Either way I've had success with both versions. I have not noticed any performance gains with grinding vs. adding weight. But that could be just me. I usually grind so I don't have to wait for the JB to dry before I can spin up the arm.


----------



## Brixmix

You should make sure your arms have flat comm's before balancing. If you Zero out the comm's and them balance the arm's WILL get better. Smalltime is right you should check the arm ina chassis to try and feel vibration.


----------



## joegri

hey dyno thanx for posting the pic of your "mousetrap" mine is simular but different.now i,m thinkin maybe glue some of them there magnets to a micrometer and achieve the same tool but even more preciese. i dont know i,m just sayin.infact i,m goin down to the cave and try that.all this stuff just to make a lil car go around a track!!no wonder my fishin buddies think i,ve lost my mind.have any of your friends that dont get slotcarin said that to ya?


----------



## Dyno

I saw a setup with magnets on a micrometer, however, I didnt like the idea that you couldnt put it down and had to hold it in your hand.

Also, how do you flatten out the comms?
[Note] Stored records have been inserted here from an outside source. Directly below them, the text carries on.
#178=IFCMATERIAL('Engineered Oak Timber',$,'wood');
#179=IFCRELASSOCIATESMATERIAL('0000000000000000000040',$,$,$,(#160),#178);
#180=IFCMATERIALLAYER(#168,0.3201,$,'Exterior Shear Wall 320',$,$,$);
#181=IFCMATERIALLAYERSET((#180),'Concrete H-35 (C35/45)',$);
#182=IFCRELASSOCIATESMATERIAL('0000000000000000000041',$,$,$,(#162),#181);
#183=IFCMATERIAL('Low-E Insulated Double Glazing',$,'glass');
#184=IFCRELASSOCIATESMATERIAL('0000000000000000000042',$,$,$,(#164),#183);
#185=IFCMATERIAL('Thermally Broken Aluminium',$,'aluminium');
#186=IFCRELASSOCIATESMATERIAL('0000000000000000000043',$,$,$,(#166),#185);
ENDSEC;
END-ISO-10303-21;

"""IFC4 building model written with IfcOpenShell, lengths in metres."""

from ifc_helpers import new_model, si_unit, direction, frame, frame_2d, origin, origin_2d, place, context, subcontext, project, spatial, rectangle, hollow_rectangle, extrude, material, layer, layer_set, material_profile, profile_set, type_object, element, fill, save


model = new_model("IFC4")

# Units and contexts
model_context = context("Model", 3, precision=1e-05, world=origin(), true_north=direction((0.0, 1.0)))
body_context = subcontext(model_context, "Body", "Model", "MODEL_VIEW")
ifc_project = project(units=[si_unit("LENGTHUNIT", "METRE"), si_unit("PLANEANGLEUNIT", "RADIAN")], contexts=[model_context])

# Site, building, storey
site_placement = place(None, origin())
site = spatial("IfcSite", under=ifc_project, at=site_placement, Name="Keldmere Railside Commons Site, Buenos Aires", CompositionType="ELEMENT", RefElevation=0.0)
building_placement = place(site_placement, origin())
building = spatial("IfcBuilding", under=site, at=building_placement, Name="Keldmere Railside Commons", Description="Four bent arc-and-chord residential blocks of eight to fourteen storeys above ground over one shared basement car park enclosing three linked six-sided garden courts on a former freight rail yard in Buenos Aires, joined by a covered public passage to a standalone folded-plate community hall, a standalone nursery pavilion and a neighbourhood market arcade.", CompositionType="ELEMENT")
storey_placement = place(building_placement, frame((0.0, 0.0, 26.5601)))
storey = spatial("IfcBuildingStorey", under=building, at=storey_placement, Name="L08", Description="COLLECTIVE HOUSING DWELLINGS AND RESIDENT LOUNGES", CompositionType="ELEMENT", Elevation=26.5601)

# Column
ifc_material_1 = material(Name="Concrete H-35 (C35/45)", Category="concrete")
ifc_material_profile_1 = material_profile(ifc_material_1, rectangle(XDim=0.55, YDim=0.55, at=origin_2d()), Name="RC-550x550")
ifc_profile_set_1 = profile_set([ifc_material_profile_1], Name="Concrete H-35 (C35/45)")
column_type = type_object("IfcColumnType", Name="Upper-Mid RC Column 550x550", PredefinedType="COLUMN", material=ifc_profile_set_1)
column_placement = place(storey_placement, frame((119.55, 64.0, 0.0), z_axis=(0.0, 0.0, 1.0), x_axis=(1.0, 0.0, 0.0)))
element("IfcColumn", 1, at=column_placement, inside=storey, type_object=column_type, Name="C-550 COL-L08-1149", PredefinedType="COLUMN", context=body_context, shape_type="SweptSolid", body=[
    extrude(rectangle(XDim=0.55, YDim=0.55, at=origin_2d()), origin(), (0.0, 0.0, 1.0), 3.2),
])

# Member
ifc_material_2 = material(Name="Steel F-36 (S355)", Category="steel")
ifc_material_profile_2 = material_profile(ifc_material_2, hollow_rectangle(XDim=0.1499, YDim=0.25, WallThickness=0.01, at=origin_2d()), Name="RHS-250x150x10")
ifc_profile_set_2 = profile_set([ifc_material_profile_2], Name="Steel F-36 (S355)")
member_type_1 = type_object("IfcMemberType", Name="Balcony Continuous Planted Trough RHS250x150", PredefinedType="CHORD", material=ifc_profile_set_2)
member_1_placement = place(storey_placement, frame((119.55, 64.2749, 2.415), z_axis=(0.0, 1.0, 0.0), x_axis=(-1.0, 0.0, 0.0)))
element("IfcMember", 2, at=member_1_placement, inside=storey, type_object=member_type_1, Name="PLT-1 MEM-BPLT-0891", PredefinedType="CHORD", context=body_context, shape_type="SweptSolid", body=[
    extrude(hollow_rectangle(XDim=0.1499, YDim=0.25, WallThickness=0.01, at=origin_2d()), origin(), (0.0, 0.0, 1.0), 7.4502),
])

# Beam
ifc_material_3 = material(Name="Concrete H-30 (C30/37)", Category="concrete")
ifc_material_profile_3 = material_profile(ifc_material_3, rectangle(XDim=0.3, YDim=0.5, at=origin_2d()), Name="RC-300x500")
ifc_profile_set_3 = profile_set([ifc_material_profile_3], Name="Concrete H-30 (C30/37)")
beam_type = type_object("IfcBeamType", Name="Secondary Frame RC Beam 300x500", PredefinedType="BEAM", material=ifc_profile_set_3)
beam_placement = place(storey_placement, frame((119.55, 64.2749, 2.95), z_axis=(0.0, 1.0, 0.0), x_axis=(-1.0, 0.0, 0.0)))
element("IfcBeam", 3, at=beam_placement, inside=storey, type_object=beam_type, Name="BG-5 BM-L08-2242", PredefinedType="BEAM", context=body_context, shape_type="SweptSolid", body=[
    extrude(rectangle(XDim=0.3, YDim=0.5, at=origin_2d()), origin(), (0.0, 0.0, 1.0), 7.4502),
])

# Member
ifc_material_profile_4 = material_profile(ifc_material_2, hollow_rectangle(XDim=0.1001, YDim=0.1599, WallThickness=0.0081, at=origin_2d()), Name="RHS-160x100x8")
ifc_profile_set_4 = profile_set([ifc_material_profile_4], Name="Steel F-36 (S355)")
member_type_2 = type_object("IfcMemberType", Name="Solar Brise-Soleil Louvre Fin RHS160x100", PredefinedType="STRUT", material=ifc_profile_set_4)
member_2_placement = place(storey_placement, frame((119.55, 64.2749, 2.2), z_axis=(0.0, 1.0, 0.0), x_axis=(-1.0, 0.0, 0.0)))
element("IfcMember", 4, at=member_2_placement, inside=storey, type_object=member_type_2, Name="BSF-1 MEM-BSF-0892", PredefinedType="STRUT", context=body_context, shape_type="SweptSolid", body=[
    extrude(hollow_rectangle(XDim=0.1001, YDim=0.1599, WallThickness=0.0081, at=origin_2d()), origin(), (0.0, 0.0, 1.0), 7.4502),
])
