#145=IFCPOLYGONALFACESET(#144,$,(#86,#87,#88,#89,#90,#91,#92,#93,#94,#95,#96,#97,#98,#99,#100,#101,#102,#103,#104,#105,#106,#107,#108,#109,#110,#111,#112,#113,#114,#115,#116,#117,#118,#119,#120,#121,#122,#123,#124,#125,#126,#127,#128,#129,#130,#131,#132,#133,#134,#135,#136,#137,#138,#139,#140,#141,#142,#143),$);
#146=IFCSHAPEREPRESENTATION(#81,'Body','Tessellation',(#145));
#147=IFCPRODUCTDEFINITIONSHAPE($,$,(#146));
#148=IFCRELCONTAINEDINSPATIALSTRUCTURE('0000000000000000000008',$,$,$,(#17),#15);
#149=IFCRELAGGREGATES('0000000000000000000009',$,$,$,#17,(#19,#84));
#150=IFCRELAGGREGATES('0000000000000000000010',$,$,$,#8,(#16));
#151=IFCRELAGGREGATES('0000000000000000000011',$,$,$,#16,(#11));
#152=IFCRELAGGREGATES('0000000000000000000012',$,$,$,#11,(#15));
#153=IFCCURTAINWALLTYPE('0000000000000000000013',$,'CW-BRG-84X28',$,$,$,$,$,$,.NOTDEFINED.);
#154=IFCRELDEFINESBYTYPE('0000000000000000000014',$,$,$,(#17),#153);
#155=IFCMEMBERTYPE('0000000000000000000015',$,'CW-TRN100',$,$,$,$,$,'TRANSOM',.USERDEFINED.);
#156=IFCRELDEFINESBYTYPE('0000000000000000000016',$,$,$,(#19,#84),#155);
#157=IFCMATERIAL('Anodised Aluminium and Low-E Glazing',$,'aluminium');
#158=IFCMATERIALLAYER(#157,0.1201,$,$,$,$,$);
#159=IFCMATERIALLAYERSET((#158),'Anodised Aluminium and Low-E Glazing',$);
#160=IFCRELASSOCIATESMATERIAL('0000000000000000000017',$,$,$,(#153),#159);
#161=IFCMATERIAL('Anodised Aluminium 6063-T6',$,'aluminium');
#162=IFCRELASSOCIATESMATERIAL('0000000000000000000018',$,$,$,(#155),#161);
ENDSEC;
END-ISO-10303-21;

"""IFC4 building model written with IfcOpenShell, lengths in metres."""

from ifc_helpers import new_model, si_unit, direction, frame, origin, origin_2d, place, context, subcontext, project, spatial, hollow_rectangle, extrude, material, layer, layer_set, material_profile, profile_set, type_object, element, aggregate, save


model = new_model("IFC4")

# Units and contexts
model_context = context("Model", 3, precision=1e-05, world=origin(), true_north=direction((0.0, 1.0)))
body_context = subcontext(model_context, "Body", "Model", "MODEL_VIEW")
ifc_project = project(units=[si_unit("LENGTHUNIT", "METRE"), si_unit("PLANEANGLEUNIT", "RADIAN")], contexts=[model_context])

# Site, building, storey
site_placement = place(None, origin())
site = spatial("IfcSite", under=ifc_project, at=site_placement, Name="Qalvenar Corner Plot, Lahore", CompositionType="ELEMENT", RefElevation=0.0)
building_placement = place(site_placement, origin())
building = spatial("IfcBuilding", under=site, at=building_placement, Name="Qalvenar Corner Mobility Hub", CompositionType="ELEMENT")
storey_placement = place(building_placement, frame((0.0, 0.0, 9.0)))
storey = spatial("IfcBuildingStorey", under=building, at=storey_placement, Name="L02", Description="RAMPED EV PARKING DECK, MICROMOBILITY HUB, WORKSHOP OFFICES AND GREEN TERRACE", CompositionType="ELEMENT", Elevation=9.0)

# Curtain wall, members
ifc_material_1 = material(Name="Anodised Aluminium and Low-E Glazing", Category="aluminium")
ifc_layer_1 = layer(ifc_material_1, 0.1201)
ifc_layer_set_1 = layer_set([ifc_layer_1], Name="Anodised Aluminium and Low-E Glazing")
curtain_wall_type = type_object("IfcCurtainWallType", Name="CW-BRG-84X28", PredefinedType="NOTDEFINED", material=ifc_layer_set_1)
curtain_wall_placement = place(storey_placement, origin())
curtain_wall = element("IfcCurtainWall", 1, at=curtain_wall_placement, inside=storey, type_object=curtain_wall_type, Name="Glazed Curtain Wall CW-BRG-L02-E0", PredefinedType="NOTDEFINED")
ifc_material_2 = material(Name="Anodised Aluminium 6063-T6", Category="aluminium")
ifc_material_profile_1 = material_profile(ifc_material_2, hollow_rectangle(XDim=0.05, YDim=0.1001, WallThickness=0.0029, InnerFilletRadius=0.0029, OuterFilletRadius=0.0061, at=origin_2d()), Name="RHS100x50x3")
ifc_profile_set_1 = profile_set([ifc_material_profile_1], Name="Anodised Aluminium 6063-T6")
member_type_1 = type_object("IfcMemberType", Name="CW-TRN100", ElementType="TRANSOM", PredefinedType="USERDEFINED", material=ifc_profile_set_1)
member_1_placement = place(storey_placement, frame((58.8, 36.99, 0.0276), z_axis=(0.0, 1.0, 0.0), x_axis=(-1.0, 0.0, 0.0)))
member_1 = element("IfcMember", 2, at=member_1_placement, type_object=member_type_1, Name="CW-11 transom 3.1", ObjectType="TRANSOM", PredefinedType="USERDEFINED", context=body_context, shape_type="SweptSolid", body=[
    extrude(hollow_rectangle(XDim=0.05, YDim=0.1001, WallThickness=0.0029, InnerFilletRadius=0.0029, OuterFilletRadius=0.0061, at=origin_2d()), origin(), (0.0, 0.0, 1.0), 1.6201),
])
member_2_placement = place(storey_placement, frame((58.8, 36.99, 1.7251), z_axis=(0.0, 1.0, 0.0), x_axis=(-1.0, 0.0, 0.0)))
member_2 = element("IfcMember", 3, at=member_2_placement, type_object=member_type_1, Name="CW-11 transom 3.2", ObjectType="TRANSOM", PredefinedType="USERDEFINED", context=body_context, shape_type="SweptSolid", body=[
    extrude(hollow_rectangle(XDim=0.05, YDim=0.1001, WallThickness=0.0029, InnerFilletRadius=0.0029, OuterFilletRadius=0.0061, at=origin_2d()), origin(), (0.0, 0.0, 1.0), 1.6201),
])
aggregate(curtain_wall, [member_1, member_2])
Ive seen tools for polishing but not straightening.


----------



## mahorsc

Dyno said:


> I saw a setup with magnets on a micrometer, however, I didnt like the idea that you couldnt put it down and had to hold it in your hand.
> 
> Also, how do you flatten out the comms? Ive seen tools for polishing but not straightening.


harbor freight sells a mic stand for $9.99 
scale engineering sells the com tool $75.00 i got mine from zoomin motorsports it saves about 80% of mine motors so far that i thought were junk


----------